The second day of the UN Climate Change Conference (COP26) brought sweeping pledges to end deforestation and curb methane emissions.
In the summit’s first major deal, announced on Tuesday, leaders of more than 100 countries signed a pact to end deforestation by 2030. The signatories include countries that account for about 86 percent of the world’s forests—including Brazil, Indonesia, the Democratic Republic of Congo and the United States. They committed to conserving forest ecosystems and accelerating restoration, incentivizing sustainable agriculture, and adopting trade and development policies that do not drive deforestation.
“This is a significant moment, like a ‘Paris moment’ for forests,” said Yadvinder Malhi, a professor of Ecosystem Science at the University of Oxford.
The agreement, called the Glasgow Declaration on Forests and Land, is backed by about $19 billion in public and private funds, including up to $9 billion from the United States; $1.7 billion is earmarked for Indigenous groups. At the same time, more than 30 financial institutions vowed to end investments that drive deforestation in commodities including beef, soy and palm oil.
But the plan should do more to reduce demand for these commodities, John Sauven, the executive director of Greenpeace told The Guardian. “Without tackling the drivers of destruction it’s like whistling in the wind to think cash alone will work. Cattle and soya for animal feed are wiping out the Amazon and savannahs of Brazil. The industrial meat industry, like its counterpart in the fossil fuel sector, needs to come to an end,” he said.
Morgan Gillespy, Global Director of the Food and Land Use Coalition welcomed the declaration, calling it “unprecedented”. But she underscored the urgent need to turn these commitments into action, noting that the new pledge is based on a failed 2014 effort, The New York Declaration on Forests, that aimed to end deforestation by 2020.

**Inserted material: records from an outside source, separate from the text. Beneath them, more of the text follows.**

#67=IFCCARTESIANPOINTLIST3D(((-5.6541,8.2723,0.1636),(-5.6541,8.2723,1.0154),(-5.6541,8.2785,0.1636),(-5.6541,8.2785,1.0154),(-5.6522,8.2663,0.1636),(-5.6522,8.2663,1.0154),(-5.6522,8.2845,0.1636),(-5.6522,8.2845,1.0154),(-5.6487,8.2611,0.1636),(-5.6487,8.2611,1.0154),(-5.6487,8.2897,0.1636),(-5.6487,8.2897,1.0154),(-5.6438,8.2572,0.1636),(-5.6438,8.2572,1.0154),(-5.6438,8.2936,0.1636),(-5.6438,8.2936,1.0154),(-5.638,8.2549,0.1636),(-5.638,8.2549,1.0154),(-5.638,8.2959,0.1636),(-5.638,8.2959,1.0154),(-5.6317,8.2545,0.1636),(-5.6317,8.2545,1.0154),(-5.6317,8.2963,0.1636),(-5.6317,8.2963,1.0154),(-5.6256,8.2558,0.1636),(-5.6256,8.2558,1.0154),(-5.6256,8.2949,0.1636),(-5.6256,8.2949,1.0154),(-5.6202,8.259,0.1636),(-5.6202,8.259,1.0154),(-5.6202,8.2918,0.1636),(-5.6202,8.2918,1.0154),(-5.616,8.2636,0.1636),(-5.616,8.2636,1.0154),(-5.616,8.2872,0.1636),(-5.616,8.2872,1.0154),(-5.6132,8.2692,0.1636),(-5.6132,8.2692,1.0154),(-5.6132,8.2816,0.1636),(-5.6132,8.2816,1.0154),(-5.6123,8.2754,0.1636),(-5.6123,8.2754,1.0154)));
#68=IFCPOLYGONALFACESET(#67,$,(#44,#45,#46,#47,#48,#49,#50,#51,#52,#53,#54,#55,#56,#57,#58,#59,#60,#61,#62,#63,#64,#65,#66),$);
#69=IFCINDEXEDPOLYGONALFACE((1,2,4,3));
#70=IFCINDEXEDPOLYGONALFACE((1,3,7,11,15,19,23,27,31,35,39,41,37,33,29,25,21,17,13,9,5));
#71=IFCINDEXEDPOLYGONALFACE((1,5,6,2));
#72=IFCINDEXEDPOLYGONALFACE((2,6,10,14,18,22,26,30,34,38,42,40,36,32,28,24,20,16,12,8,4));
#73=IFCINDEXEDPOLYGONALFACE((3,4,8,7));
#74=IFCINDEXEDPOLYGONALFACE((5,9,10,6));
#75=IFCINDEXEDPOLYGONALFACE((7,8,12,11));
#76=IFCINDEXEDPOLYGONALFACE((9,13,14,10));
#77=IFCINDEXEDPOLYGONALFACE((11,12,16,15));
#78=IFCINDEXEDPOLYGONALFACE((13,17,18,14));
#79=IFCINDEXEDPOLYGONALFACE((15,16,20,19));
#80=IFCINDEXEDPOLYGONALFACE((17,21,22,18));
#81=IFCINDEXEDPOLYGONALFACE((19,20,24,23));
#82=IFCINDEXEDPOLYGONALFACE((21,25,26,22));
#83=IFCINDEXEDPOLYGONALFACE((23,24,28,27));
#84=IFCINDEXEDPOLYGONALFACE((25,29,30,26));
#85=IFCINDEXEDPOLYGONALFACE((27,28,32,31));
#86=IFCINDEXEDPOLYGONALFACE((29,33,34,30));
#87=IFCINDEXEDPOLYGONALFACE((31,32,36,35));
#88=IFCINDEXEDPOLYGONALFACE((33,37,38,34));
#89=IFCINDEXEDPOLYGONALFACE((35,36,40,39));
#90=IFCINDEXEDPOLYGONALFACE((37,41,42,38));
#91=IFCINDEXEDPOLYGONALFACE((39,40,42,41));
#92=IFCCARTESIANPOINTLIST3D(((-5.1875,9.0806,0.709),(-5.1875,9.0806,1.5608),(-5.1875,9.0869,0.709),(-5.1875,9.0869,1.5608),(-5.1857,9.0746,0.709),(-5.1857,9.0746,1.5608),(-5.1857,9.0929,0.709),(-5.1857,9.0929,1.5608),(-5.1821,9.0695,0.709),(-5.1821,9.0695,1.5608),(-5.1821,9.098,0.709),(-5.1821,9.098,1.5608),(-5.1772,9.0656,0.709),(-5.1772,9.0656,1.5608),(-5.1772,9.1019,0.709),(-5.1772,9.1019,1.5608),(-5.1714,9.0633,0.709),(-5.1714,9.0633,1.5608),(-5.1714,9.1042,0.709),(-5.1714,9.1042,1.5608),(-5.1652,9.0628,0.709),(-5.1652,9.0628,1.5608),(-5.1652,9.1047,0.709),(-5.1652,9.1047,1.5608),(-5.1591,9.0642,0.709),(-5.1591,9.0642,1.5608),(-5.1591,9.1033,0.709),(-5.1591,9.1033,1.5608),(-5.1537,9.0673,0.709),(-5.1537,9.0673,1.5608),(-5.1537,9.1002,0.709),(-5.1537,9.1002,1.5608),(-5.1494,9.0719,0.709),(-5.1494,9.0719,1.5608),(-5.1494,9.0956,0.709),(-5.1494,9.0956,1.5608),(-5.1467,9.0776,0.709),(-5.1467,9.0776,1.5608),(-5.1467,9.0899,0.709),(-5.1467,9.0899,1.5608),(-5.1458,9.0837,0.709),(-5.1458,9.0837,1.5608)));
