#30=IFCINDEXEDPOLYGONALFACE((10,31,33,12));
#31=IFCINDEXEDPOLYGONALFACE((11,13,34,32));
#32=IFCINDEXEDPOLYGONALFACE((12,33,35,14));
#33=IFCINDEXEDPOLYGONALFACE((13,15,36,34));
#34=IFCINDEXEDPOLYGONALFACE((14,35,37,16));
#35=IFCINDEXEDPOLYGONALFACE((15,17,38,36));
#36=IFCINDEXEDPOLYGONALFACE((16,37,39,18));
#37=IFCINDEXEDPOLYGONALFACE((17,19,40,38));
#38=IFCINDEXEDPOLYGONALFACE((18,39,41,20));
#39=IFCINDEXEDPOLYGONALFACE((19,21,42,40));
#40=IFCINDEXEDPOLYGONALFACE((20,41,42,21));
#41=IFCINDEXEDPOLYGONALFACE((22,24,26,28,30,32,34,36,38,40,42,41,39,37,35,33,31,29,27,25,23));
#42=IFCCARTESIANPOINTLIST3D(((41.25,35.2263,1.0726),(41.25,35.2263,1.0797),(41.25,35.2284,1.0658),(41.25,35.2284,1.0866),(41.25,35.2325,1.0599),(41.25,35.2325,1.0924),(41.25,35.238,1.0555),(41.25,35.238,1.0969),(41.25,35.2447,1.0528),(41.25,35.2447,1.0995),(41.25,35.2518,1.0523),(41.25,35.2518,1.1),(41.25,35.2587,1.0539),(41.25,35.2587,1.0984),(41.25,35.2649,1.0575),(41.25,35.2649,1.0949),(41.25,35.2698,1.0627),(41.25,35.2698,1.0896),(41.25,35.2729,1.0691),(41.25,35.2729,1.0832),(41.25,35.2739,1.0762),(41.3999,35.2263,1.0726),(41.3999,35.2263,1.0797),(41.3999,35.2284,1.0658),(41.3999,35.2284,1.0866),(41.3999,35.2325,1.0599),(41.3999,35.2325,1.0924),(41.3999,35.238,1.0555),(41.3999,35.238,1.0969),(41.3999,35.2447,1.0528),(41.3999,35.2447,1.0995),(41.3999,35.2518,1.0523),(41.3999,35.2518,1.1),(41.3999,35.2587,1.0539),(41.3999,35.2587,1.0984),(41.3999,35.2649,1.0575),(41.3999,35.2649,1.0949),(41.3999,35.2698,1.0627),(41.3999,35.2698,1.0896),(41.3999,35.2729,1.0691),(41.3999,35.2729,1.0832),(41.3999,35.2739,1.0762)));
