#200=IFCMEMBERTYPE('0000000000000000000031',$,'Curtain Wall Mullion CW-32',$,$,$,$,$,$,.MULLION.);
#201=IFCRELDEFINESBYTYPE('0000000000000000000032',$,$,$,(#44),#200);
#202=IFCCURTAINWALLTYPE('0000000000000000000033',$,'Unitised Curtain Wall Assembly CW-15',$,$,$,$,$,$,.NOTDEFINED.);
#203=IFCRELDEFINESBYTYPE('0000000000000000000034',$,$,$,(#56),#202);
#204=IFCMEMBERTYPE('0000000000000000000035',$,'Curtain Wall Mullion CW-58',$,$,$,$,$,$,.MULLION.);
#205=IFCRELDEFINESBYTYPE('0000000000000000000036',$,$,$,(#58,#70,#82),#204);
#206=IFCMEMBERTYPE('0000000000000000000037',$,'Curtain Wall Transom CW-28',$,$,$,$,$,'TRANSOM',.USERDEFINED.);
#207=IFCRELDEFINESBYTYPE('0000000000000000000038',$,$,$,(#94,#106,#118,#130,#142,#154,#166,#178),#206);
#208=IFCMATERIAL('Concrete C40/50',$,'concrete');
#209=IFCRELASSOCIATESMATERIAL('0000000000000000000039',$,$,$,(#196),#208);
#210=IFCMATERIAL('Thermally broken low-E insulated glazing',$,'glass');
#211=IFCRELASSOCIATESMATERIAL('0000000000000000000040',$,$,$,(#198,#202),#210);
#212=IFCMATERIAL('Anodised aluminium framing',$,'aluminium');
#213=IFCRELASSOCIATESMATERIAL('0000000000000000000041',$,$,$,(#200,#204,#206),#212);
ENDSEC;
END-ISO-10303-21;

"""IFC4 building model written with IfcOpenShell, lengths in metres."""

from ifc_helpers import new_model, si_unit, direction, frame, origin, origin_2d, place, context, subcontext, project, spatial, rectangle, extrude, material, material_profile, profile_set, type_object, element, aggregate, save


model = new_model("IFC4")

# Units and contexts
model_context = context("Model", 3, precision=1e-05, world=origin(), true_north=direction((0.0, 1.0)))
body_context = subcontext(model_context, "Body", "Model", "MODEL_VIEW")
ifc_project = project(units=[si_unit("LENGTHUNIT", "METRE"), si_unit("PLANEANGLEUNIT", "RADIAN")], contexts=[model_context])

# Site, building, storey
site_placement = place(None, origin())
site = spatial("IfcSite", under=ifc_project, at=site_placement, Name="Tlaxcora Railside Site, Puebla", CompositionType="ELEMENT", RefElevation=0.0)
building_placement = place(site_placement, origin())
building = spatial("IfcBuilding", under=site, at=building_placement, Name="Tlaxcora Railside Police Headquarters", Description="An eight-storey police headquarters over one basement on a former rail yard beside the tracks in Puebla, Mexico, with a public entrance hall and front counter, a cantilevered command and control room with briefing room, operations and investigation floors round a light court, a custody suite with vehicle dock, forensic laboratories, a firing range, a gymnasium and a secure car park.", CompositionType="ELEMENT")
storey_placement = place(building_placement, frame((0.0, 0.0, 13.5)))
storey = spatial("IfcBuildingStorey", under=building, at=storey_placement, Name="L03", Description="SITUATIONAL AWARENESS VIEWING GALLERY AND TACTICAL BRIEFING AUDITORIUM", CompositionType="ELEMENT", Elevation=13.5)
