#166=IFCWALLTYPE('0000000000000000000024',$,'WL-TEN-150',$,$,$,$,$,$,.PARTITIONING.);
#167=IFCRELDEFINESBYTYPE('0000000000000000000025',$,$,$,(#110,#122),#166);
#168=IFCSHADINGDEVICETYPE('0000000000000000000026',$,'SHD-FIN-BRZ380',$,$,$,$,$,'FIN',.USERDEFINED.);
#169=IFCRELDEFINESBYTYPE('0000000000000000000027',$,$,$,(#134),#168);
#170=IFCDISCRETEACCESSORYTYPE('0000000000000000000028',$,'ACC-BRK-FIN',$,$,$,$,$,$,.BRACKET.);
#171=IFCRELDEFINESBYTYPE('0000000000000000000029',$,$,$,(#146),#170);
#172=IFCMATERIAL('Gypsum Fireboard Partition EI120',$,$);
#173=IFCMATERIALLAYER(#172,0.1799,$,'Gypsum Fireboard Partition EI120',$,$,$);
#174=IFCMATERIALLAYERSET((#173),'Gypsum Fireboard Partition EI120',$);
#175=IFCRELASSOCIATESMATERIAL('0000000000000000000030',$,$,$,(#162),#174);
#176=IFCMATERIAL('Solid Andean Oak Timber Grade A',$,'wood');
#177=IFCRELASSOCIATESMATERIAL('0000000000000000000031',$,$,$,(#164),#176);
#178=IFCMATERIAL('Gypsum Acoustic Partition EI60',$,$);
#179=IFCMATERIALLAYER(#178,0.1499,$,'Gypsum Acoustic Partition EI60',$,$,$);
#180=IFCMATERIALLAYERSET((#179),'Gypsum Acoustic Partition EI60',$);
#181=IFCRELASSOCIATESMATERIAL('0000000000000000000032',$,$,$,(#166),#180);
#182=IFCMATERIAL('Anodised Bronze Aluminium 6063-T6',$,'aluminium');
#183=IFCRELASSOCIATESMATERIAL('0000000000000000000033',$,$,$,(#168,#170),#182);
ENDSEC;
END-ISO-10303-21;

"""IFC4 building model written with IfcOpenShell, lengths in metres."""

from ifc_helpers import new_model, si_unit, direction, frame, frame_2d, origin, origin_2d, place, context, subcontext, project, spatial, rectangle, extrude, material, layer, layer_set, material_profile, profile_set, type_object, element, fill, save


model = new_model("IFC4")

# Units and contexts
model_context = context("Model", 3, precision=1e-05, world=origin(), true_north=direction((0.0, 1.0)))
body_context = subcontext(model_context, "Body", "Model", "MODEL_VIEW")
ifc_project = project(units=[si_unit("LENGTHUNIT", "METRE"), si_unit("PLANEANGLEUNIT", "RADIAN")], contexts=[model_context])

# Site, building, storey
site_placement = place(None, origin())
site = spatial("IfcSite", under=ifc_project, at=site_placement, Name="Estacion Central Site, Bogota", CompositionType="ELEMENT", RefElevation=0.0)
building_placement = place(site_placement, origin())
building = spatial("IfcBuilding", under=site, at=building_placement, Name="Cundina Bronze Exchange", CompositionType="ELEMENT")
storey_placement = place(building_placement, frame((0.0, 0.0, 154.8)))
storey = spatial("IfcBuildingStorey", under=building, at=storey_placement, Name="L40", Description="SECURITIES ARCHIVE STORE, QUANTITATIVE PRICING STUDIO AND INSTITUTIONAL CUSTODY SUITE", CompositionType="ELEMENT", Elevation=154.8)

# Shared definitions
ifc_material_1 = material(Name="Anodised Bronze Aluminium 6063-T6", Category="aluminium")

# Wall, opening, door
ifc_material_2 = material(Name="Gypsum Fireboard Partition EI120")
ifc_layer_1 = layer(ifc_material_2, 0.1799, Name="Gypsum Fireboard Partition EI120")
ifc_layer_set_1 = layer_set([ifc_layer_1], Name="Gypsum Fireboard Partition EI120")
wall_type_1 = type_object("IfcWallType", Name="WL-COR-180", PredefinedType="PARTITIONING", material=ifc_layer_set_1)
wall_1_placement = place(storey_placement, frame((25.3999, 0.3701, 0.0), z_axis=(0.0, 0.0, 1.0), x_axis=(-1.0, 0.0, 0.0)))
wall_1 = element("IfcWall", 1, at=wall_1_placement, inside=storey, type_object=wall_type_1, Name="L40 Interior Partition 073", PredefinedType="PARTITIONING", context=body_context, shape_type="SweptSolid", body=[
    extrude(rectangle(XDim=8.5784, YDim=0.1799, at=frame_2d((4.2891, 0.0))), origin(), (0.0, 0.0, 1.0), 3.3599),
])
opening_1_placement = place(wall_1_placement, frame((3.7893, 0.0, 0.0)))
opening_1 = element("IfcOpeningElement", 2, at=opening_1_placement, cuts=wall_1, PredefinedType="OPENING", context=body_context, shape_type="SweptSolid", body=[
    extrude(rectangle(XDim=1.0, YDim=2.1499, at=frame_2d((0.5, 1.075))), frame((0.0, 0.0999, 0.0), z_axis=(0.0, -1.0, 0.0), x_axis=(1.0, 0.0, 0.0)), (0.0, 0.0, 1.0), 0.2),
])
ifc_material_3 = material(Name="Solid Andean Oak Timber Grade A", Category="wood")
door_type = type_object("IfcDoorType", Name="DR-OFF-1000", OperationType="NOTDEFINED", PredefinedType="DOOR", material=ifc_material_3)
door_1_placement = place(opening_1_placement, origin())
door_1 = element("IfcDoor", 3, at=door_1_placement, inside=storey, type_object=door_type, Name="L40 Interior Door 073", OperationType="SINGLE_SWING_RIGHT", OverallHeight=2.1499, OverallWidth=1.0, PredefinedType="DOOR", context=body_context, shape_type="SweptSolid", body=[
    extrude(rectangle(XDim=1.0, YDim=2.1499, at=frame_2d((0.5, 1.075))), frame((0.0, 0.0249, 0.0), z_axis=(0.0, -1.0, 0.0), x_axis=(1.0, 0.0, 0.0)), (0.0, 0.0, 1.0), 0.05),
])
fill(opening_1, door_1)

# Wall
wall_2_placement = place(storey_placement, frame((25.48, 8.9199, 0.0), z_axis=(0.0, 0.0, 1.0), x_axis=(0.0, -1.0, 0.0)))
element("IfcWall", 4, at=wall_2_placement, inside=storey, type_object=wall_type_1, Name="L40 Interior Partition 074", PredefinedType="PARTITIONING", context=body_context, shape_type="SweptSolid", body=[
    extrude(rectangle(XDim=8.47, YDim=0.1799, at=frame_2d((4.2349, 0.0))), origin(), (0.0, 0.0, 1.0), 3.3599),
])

Tuesday also marked the official launch of the Global Methane Pledge, a joint effort between the U.S. and the European Union that aims to cut methane emissions by 30 percent by 2030. Methane, a greenhouse gas that is far more potent but shorter-lived than carbon dioxide, is to blame for about a quarter of current warming. Cutting methane emissions is considered “low-hanging fruit” in the fight against climate change, since it will help avert some near-term warming and is easier to address than carbon dioxide emissions.
Notably, some of the biggest emitters of methane—Russia, India and China—have not signed the pledge.
The Biden administration’s plan to cut emissions of methane in the U.S. includes new regulations for the oil and gas industry which is the largest domestic emitter of methane. It will also crack down on methane emissions from landfills with an emphasis on reducing food waste.
But while agriculture—primarily meat and dairy production—accounts for half of U.S. methane emissions, the strategy includes only voluntary, incentive-based measures for the farm sector, such as improved feed for animals and more methane digesters that capture emissions and use them as energy. Critics say this approach gives the livestock industry a “free pass”, and have urged the EPA to regulate methane emissions from meat and dairy producers.
“The Biden administration’s strategy to use public spending to prop up an expensive factory farm gas system creates perverse incentives to produce more manure, and more water and air pollution for rural communities,” said Ben Lilliston, the Institute for Agriculture and Trade Policy’s director of rural strategies and climate change.
Calling methane digesters “industry-friendly band aids”, Mitch Jones, policy director of Food & Water Watch, said, “Factory farm biogas and carbon trading schemes are false solutions that distract from the root cause of the industrialized agriculture industry’s pollution problem — the continued concentrated corporate control of our food system.”